PS: When I say "rarely used", I base this statement on the fact that I saw hundreds of thousands of lines of Java code in the past years and I rarely came accross code that uses assertions.
You can return a special value like Double.NaN which you can check for with Double.isNaN(d)
You could make F() return a Double (instead of double) and return null in the case where your assert fails. Then have your outer for loop do a null check on the returned value before adding it, etc.
Why not replace the asserts with if statements? When the if-statements are true then calculate the value, otherwise return the MAX_VALUE of double. When F returns MAX_VALUE the cost will not be updated.
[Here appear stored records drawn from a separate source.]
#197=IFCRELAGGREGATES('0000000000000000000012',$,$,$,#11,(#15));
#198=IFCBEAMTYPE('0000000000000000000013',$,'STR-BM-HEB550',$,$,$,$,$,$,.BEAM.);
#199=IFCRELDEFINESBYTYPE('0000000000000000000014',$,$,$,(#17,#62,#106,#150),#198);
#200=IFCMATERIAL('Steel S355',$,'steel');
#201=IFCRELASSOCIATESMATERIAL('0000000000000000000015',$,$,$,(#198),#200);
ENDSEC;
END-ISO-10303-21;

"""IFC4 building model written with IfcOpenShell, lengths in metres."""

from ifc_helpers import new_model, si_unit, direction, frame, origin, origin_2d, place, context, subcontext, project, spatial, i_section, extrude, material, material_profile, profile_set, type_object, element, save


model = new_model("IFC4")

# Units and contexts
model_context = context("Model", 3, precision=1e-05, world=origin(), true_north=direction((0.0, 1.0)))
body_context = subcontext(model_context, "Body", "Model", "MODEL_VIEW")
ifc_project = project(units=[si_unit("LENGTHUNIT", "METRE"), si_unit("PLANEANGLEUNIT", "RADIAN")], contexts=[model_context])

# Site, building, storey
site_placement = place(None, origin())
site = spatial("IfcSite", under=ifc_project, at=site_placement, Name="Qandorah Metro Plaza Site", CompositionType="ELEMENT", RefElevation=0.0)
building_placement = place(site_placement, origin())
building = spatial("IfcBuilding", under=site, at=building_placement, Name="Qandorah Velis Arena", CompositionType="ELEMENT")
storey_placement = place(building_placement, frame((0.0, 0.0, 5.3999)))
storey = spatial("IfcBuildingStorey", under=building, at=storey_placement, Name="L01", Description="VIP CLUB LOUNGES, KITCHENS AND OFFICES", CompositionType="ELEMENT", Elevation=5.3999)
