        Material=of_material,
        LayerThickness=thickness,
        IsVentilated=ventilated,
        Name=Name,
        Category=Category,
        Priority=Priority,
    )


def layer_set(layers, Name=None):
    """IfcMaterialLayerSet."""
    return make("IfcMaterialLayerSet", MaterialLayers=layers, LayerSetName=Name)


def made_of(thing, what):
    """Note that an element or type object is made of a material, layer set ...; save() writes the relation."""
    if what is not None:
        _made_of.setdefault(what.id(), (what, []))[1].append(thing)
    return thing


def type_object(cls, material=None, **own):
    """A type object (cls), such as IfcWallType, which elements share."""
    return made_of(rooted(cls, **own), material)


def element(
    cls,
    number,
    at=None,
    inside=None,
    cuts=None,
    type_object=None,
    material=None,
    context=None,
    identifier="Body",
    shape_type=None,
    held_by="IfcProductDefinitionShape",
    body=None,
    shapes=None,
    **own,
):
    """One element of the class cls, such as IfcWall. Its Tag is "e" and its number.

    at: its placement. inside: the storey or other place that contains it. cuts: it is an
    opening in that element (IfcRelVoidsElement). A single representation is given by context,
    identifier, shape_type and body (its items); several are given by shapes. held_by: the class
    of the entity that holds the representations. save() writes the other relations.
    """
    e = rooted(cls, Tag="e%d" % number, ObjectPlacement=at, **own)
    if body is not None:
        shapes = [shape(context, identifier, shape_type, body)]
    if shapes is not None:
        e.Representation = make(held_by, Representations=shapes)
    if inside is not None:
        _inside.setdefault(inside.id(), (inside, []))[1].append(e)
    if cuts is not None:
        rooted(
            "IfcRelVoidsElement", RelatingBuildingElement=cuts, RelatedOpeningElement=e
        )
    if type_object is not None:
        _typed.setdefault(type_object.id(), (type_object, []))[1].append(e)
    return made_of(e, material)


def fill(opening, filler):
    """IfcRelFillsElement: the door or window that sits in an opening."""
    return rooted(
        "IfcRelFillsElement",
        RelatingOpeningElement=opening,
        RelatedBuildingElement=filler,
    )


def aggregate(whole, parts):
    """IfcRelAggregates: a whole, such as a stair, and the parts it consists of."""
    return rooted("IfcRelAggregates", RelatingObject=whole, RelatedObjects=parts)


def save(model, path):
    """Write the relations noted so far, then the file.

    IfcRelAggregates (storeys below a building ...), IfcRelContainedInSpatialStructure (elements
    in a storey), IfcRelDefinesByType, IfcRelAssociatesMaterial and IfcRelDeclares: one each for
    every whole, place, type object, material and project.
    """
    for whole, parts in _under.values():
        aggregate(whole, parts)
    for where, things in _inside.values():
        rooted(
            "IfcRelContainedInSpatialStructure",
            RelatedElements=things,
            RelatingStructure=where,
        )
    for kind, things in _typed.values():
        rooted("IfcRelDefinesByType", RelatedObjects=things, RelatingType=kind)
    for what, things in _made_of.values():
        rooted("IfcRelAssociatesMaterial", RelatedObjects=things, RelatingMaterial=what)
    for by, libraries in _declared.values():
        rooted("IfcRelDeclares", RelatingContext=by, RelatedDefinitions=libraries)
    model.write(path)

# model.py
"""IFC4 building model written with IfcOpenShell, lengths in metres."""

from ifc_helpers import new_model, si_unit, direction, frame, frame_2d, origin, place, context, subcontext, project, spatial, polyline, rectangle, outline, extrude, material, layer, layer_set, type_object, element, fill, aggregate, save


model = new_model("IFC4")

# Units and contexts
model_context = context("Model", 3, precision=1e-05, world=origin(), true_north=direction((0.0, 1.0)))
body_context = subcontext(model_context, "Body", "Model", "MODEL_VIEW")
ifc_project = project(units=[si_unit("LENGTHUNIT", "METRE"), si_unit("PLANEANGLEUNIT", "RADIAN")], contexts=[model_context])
if (customers.get(l) instanceof VehicleCustomer) {
if ( (i<l && l<=j) && (l<=m && m<=j) ) {
return Math.min(thirdCaseFirstTerm(l,m), thirdCaseSecondTerm(l,m));
}
}
return Double.MAX_VALUE;
Use asserts during development to weed out things that should never happen in private methods. (Asserts can be switched off in production)
Throw an exception when something unexpected happens (e.g. a client of your class passes in invalid data).
However, from your question it seems you expect to get instances that are not VehicleCustomer, so asserts and exceptions are not the right approach here.
Peter Lawrey's and Jeff's answers will also work.